This is why having God in your life is important. He can be that base. He can be that foundation. He can be that root system. He is the only thing (bad word to use but I don't know a better one) that is unchanging. The Hebrews writer says that "Jesus Christ is the same yesterday and today, yes and forever."
It's that notion about what you're building on -- sand or rock. Rock of course is the right answer, is the only smart answer.
And Jesus is that rock.
We had an unusual six days. As I wrote not long ago our plumbing wasn't working. It still isn't working but hopefully today it will be. I'm quite proud of my kids. They were not happy about it at first (neither was I), but the complaining stopped that first day and there hasn't been any since. The younger kids learned to take sponge baths and my two oldest took showers at other people's houses (thank you Jesus for friends who are so gracious to share their showers). My husband has been showering and shaving at work. I've been making due. Dishes are inconvenient but I have been getting them done. We have several mountains of dirty clothes but it's been kind of nice not doing any laundry. Maybe God was giving me a break, part of that quiet waters thing.
Last Friday I had some medical procedures done in my digestive system. Found out my system is pretty rough looking. Told I have IBS. What this means is that I have to radically change my diet and eating habits. I've known this for a long time, but I am one who hates diets of any kind. I am not a big eater but I want to eat what I want to eat.
But my system can't take it anymore. I have to care for myself.
As I think on this and read about how I need to eat to get myself healthy I am continuing The Artist's Way program. What is coming up is that there is a part of me that thinks spending time on myself where the healing has to happen is a waste of time.
I wrote this morning "Lord, I hate wasting all this time just in my own thoughts. I should be doing something, praying for someone, doing something for someone else. Wasting this time on writing my thrown-up thoughts seems selfish."

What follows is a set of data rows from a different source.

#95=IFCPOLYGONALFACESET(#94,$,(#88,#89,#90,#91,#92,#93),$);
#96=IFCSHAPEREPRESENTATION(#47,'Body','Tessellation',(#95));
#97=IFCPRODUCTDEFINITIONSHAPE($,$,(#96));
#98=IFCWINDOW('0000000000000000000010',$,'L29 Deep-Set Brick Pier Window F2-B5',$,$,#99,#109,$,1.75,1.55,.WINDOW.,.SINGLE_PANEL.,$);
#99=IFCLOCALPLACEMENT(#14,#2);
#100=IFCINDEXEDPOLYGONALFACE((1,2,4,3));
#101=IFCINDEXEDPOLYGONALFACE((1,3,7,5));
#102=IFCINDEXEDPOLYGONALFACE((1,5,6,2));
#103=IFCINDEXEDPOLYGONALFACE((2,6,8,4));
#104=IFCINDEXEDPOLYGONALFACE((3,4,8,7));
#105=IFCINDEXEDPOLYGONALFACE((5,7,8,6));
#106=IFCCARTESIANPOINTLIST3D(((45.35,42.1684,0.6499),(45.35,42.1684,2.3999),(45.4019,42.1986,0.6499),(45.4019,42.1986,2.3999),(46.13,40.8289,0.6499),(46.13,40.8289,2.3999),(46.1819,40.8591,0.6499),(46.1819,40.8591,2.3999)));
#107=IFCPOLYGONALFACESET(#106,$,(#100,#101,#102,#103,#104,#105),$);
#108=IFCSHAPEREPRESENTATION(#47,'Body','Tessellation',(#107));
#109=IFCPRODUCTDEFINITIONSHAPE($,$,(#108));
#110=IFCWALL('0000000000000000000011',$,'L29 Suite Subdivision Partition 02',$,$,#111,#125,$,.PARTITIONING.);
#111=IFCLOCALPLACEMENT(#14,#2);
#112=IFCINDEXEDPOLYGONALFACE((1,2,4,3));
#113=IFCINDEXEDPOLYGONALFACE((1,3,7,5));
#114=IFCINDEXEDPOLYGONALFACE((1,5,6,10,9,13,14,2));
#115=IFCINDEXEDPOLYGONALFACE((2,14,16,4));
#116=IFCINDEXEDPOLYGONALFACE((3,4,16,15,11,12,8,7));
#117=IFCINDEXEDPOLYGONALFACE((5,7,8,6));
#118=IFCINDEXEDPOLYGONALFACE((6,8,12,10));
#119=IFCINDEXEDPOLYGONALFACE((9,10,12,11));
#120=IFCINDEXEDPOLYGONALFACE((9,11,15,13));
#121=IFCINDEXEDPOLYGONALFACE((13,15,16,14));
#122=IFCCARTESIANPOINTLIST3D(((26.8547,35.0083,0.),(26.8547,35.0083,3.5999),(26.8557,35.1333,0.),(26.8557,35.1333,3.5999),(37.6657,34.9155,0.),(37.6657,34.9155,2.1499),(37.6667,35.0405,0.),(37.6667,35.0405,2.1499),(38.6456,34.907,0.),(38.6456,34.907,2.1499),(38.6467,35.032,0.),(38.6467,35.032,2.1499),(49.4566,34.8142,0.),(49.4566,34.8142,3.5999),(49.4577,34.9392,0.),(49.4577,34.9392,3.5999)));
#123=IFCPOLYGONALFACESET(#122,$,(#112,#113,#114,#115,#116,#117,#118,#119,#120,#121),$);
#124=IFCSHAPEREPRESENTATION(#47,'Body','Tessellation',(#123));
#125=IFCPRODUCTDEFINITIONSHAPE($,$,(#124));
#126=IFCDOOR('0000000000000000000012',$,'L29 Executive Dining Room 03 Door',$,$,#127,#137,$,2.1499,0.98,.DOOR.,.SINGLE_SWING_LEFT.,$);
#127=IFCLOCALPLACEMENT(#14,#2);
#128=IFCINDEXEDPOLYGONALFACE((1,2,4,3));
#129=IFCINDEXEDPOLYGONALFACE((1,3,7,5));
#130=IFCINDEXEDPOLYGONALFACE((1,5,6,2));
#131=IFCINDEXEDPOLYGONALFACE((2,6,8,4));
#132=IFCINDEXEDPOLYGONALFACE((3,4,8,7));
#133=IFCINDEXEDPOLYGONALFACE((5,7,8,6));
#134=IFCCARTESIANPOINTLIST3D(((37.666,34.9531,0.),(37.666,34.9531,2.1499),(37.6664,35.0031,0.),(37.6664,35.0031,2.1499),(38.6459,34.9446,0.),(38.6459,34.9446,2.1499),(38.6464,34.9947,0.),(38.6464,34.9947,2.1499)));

If someone else said that about herself I'd say it wasn't selfish. I'd tell her she's worth the time. She's worth the time it will take to heal. If we aren't healed within, physically and emotionally and spiritually, how can we heal others? Jesus tells us to go and "Heal the sick, raise the dead, cleanse the lepers, cast out demons, freely you received, freely give." (Matthew 10:8)
If we don't receive our own healing, how can we give it?

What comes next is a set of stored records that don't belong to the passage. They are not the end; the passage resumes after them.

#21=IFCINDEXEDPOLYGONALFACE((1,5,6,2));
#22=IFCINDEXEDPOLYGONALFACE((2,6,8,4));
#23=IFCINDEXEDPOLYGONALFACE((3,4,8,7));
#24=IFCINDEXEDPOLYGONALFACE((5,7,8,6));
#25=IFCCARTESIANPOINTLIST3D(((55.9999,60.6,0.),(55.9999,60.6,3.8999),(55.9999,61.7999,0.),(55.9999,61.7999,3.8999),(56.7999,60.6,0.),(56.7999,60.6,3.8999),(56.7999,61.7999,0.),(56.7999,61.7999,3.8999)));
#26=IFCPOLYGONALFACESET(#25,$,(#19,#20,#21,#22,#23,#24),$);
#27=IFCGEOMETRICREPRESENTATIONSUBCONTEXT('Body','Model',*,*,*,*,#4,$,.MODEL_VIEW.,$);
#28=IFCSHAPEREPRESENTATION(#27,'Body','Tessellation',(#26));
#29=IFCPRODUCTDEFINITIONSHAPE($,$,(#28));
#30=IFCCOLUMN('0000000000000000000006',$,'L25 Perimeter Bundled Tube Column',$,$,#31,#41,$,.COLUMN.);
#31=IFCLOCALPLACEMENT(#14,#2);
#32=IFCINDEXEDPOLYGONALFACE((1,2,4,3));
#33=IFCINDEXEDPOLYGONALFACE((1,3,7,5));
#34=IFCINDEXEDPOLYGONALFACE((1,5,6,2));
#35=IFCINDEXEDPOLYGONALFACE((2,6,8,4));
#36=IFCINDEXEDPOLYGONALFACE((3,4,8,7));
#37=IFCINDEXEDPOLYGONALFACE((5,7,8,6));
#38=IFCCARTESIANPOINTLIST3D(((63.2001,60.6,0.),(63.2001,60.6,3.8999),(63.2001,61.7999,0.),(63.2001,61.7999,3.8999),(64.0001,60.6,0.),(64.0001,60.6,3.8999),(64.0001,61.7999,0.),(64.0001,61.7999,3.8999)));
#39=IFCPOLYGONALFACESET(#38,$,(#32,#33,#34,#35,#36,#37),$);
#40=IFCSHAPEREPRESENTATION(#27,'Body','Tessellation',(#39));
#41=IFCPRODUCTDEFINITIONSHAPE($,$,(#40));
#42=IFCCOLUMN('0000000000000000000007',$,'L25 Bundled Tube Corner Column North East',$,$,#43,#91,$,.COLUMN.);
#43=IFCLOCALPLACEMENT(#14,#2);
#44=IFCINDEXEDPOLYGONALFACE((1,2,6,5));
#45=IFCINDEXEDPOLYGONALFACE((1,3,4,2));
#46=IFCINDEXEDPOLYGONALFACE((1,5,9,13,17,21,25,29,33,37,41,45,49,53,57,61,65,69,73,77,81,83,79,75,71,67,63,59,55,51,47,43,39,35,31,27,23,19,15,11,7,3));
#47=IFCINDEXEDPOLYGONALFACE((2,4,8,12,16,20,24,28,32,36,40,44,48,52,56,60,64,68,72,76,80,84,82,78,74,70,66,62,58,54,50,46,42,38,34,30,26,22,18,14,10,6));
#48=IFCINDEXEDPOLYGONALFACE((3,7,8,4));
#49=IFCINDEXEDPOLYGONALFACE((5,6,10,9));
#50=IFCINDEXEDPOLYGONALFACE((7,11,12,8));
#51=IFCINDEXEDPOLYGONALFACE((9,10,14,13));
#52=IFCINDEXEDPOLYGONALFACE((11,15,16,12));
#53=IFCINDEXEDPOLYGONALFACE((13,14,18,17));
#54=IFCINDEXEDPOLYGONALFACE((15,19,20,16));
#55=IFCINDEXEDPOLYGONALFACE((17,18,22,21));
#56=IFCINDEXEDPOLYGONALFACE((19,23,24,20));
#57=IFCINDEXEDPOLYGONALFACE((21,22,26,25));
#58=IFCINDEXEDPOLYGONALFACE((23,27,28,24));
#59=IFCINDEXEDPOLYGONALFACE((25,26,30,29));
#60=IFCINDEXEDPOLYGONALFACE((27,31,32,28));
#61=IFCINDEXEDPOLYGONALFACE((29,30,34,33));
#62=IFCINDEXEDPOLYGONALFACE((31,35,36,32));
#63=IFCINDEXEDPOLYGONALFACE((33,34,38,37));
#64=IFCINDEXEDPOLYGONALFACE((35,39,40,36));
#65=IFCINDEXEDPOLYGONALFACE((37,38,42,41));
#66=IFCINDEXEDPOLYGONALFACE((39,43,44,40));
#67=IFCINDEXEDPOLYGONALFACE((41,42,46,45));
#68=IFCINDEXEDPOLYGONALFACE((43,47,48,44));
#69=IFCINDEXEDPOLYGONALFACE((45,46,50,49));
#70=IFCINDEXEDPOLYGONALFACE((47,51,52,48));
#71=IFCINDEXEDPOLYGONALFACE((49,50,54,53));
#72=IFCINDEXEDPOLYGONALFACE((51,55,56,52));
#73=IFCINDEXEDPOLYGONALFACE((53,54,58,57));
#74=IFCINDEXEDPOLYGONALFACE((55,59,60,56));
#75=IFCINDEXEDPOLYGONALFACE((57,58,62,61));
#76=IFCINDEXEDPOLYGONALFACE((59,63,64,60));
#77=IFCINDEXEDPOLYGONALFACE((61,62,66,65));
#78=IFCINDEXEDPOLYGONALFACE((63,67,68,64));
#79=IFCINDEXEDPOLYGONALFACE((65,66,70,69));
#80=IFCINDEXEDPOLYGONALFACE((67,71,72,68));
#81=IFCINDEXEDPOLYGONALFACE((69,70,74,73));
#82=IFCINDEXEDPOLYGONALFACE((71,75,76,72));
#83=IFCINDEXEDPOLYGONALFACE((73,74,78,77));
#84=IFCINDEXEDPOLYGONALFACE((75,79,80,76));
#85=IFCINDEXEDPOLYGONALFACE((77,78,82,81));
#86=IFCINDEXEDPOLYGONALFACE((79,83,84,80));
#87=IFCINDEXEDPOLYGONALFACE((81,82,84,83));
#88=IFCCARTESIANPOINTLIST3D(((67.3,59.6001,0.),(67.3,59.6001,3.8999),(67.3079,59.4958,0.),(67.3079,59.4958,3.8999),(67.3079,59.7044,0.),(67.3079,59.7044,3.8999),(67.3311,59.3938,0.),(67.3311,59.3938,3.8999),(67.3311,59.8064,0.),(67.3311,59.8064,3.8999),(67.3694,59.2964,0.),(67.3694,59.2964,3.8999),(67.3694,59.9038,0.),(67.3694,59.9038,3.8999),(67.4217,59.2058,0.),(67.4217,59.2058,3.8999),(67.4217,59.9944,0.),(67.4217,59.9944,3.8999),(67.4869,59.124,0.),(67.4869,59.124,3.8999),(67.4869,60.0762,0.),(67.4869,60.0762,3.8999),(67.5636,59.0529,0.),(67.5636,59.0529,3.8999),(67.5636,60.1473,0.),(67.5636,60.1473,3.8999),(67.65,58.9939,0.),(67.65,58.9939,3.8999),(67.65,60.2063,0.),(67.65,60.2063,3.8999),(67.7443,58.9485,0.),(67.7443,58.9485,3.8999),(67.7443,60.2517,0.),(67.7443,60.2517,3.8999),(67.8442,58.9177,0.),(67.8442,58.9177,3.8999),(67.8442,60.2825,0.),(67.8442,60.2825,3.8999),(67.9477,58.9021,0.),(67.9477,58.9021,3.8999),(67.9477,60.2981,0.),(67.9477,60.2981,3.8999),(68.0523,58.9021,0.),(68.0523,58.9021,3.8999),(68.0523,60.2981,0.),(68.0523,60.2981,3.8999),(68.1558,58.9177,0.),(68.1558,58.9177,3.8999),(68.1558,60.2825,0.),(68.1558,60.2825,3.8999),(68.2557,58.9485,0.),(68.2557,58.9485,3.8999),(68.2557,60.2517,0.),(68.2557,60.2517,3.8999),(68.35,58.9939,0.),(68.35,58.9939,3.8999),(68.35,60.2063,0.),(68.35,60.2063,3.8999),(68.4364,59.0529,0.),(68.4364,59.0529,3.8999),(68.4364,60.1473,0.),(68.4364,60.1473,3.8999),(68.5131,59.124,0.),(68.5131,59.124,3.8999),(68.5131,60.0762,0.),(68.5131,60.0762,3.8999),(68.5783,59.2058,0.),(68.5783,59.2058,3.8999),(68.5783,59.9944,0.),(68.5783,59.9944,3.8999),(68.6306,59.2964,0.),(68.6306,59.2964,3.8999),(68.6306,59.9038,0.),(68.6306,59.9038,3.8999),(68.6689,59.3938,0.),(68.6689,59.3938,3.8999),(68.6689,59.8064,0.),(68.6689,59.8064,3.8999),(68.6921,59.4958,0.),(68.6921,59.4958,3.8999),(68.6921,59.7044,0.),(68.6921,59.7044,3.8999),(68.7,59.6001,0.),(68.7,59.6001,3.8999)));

Have I gone a tangent here? What does this have to do with God as our foundation?
Everything.
We can flounder, we can receive or not receive, we can give or not give, but we still fall back on Jesus Christ. I know He doesn't change even if I feel like everything is changing and I don't know how to keep up. Even in these times when I feel kind of lost in the head and just frantic He's still got me. He's still in control. He's still holding onto my life and won't let go.

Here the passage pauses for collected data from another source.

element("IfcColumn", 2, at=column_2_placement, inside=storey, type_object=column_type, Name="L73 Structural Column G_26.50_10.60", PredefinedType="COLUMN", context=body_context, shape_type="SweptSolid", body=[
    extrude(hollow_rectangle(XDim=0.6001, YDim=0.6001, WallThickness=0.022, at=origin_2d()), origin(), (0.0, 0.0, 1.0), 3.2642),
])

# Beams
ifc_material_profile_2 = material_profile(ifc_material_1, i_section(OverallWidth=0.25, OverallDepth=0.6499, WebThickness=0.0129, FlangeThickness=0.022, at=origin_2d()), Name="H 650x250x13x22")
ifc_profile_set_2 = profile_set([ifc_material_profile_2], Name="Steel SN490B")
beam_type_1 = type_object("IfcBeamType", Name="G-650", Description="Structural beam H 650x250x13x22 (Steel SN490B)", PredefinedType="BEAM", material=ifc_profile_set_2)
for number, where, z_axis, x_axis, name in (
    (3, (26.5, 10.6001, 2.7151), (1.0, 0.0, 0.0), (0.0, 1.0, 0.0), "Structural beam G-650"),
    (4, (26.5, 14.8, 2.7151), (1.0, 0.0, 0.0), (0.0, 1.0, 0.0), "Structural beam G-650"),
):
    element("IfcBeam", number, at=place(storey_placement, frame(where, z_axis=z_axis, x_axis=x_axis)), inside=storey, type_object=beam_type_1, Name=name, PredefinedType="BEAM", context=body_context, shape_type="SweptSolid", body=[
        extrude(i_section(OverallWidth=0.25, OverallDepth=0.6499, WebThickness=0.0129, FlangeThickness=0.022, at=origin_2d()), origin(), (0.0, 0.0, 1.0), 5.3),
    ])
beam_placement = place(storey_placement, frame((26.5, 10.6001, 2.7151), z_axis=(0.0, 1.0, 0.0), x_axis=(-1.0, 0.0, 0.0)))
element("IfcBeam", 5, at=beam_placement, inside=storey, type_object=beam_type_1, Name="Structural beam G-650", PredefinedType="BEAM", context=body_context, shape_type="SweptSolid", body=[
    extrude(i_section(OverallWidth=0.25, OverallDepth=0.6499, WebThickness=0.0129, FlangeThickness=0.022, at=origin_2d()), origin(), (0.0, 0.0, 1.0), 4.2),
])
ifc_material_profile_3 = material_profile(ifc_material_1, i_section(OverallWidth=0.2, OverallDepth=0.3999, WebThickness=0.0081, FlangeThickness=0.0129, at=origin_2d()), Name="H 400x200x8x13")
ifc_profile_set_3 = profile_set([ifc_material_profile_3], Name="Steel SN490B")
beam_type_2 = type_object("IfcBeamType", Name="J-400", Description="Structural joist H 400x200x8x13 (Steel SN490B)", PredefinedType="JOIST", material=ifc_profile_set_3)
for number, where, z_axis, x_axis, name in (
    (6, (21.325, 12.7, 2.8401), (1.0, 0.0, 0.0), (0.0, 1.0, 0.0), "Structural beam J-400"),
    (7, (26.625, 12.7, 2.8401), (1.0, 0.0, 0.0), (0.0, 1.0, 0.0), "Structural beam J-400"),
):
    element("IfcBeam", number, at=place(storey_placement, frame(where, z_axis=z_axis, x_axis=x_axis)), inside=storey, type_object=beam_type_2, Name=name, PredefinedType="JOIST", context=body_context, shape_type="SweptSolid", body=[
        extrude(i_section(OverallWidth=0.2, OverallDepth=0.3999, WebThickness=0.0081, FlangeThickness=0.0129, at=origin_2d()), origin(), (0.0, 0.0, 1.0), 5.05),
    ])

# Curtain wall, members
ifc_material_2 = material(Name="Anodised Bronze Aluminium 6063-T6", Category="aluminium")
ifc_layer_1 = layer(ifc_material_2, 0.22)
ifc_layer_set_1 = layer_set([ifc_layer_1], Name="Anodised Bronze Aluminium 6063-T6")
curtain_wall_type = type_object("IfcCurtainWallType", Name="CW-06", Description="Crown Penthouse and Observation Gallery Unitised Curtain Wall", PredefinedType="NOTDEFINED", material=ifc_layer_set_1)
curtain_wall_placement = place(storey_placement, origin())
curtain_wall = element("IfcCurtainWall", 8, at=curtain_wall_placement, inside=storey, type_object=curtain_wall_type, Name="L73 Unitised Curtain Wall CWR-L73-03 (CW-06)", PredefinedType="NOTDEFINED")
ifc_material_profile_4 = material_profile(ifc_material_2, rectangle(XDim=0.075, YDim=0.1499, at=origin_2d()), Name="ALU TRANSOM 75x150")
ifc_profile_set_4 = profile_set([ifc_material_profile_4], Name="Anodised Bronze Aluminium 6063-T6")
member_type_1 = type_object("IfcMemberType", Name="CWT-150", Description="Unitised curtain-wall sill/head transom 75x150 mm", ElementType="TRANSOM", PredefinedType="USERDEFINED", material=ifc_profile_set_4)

After I received the results of my tests and thought about them, almost a day later I was thinking and praying about it with God. I had had a lot of cancer symptoms and I had the tests done because a specialist recommended them and also we needed to know what we were dealing with. Now that I know what I am dealing isn't life and death, I made a commitment to make the necessary changes. My family needs me healthy. God wants me healthy. I need to be healthy. It was like I felt like, "No, you aren't going to die anytime soon. You have a long life ahead of you. Get it together. Make the changes. Do what needs doing."
Am I making sense? Why am I even sharing this? Maybe I am "perfectly blunt."
Well, not perfectly but blunt all the same.
If we go to Mark 16 Jesus says there are signs that will accompany those who believe. He says, "In My name they will cast out demons, they will speak with new tongues; they will pick up serpents, and if they drink any deadly poison, it shall not hurt them; they will lay hands on the sick, and they will recover."
That really doesn't describe my life.
But I am a Believer and this believer is going to see her body healed -- her outlook on herself too.